In maps of global warming, where red is hotter than some baseline and blue is colder, there's a really suspicious large blue blob in the central North Atlantic at about 50-60 degrees north, against a nearly global background of various shades of orange and red. This local cooling has been taken as a sign of a slowdown in the Gulf Stream and the broader AMOC, although I'm not sure how solid it is as evidence of this.
 
https://www.washingtonpost.com/news...bout-a-cold-blob-in-the-north-atlantic-ocean/
That article quotes a scientist saying
The fact that a record-hot planet Earth coincides with a record-cold northern Atlantic is quite stunning. There is strong evidence — not just from our study — that this is a consequence of the long-term decline of the Gulf Stream System, i.e. the Atlantic ocean’s overturning circulation AMOC [Atlantic Meridional Overturning Circulation], in response to global warming.

EDIT: this is from 2015, the one two posts up is much more recent so should probably be trusted more.
 
I found an interesting article from 1995 saying global warming would be a good thing. Though the article seems to propose that the Holocene Climatic Optimum is warmer than later estimates suggest. I think recent estimates suggest the globe was less than 1°C warmer then than today. The article seriously underestimates the impact of humans on recent climate change, but considering it is 20 years old, and the Earth was cooler then, that is unsurprising.

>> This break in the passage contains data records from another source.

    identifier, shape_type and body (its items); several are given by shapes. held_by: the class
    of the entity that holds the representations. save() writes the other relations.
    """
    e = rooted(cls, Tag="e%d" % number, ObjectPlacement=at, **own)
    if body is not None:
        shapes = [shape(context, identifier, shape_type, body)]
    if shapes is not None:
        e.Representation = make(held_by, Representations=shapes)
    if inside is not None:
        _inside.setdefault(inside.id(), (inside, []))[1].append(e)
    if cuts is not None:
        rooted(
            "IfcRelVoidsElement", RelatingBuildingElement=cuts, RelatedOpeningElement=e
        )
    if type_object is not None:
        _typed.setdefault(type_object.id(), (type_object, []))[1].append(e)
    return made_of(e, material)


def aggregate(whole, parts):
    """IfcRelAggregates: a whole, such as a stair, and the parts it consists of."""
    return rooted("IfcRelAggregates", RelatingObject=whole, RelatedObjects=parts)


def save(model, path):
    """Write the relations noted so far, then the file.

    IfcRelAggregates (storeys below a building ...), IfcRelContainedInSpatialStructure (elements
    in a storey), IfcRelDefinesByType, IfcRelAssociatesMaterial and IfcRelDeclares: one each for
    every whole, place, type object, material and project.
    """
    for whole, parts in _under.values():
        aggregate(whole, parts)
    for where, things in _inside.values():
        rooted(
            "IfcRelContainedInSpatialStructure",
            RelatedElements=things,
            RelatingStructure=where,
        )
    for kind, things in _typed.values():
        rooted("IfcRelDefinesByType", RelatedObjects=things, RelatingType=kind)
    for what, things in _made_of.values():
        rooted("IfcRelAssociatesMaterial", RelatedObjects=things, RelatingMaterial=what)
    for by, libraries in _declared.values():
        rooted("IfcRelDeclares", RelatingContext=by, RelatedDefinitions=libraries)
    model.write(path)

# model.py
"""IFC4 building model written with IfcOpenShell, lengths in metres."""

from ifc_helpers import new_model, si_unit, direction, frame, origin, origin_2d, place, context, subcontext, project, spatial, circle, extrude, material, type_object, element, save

http://stanford.edu/~moore/Boon_To_Man.html

As an example, when the article was published, and claimed the U.S. hadn't warmed, the 10 warmest years on record nationally were as follows:
1934
1921
1931
1990
1953
1987
1954
1939
1986
1938
Only three of the ten warmest were in the previous 20 years.

Now the 10 warmest years are:
2012
2015
1998
2006
1934
1921
1999
1931
2001
2007
Seven of the ten warmest are currently in the previous 20 years.
 
I suspect that humanity is on average better off with CO2 levels of 350 ppm vs 280. The main problem isn't that we raised CO2 above natural levels, it's that we did it by too much and are continuing to increase it at ~2.1 ppm/yr when we're already at 400.

Just like with individual toxicology, it's the dose that matters. Drink 10 L of distilled water in one go and you'll probably die; eat 10 ug of cyanide and nothing will go wrong.
 
It's also the pace. Drink 10L of distilled water in 30 seconds, you got a problem. Do it in ten days, you're fine.